The primary intention of this assignment is to determine the number of teeth for gear 1, 2, 3, and 4 of a compound reverted gear train which plays as a role of speed reducer in a machine which is powered by an electric motor as shown in Fig. 1 below. Apart from that, the computations of speeds and torques generated for input, intermediate and output shafts as a result of the rotary motion of the gears are also the purposes of this assignment.

Fig. 1: A machine which is powered by an electric motor

2. INTRODUCTIONWith the statistics and parameters provided such as the input and output speeds, the pressure angle, the module of the double-reduction gear train, and the power to be delivered in order to drive the motor; we are required to calculate the number of teeth for gear 1, 2, 3, and 4. The number of teeth for all the four gears are computed based on the prerequisites stated which are the axes of the driver and driven shafts are co-axial (inline of the output and input shafts) (see Fig. 2 below), and the minimum package size of the double-reduction gear train. In addition, the determination of the speeds and torques generated for input, intermediate and output shafts as a result of the rotational motion produced by the gears are incorporated in this report as well.

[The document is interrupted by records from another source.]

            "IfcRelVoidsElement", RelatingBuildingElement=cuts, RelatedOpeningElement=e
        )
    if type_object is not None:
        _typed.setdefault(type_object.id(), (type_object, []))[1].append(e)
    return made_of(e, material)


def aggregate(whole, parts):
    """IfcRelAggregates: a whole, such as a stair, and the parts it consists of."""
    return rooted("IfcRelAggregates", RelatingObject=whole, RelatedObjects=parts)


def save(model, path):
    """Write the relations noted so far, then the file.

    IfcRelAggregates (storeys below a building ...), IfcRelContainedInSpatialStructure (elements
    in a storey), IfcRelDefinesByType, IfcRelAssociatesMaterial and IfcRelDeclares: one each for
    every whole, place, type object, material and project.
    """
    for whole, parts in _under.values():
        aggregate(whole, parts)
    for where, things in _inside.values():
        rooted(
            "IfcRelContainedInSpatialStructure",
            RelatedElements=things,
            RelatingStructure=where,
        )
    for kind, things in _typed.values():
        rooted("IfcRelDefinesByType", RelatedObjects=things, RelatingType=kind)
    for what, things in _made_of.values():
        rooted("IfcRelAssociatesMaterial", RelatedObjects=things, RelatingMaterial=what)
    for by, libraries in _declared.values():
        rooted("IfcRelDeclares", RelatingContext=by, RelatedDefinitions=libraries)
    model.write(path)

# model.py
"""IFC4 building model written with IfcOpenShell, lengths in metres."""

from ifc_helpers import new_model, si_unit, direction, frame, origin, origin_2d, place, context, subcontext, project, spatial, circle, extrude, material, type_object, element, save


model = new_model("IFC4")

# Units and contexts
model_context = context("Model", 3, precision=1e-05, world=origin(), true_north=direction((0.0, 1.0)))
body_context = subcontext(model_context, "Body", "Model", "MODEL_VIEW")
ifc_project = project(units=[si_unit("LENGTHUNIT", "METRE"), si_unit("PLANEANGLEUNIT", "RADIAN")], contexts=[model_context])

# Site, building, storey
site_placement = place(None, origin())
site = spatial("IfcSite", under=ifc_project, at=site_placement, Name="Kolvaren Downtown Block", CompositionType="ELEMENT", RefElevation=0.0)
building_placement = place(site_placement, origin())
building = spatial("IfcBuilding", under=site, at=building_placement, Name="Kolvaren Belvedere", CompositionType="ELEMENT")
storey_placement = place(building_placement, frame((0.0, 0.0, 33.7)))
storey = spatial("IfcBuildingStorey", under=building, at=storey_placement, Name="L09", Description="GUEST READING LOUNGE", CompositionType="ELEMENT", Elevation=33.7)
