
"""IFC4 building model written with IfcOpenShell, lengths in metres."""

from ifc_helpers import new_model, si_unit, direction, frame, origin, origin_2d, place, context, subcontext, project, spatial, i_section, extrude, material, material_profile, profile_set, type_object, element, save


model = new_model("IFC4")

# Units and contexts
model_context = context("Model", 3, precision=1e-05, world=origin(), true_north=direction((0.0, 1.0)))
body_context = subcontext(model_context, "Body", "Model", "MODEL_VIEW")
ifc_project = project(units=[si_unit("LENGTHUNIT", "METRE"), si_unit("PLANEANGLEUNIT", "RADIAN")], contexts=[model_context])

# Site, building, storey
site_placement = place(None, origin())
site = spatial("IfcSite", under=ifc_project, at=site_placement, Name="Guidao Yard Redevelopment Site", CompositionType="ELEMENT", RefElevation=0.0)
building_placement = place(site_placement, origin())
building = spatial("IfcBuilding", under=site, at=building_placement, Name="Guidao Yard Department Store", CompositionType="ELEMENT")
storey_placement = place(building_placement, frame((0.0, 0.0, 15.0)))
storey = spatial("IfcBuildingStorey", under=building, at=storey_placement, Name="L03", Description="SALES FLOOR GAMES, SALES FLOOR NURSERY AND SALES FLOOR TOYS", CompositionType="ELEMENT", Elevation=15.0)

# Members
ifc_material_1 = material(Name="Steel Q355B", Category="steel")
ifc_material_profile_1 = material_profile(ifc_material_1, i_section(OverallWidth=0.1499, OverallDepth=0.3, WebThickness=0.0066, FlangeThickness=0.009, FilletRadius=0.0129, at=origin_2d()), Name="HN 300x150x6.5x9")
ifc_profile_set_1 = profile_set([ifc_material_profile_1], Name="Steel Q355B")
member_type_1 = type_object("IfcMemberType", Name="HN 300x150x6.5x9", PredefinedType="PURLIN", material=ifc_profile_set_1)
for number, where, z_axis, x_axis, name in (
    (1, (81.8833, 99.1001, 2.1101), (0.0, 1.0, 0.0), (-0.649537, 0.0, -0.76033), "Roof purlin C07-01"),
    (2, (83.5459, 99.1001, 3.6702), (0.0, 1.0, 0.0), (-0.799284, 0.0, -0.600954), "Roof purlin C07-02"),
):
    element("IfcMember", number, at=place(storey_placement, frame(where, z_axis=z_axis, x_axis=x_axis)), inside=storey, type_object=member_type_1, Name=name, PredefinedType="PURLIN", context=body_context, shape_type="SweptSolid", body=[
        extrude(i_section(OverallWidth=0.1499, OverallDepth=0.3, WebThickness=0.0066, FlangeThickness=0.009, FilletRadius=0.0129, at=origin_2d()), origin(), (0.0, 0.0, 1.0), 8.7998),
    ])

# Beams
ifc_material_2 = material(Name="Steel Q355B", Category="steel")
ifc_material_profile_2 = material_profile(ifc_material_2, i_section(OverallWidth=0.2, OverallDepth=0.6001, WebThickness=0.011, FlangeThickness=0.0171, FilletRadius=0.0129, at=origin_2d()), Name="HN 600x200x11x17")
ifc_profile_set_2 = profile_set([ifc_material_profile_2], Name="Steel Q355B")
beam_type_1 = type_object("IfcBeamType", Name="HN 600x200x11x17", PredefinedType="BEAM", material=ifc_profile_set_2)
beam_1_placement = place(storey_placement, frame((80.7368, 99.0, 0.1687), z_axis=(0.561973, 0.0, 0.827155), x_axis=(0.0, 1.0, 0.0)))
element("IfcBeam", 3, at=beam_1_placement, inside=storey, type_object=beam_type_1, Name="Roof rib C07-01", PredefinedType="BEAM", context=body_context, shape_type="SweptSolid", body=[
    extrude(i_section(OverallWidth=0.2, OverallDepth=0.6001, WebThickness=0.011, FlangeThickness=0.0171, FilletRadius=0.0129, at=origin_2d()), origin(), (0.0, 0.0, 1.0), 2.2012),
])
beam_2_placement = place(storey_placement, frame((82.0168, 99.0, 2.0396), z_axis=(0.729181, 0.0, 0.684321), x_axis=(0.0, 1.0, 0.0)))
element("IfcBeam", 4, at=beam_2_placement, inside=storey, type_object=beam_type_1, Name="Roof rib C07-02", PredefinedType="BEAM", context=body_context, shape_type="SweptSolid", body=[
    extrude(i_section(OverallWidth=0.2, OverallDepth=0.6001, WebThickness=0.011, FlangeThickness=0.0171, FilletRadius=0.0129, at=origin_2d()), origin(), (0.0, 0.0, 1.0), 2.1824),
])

Fig. 2: Compound Reverted Gear Train (J. K. Brar & R. K. Bansal, 2004) Since this assignment by all means, cannot be tantamount to a real life design project as most of the calculations in the design of the compound reverted gear train are based on theoretical equations and appropriate assumptions such as the surfaces in contact are frictionless and therefore there has no power losses through the transmission. By neglecting the power losses due to friction, we only centralize our design based on the number of teeth of all the four gears, and the speed and torques generated for the input, intermediate and output shafts.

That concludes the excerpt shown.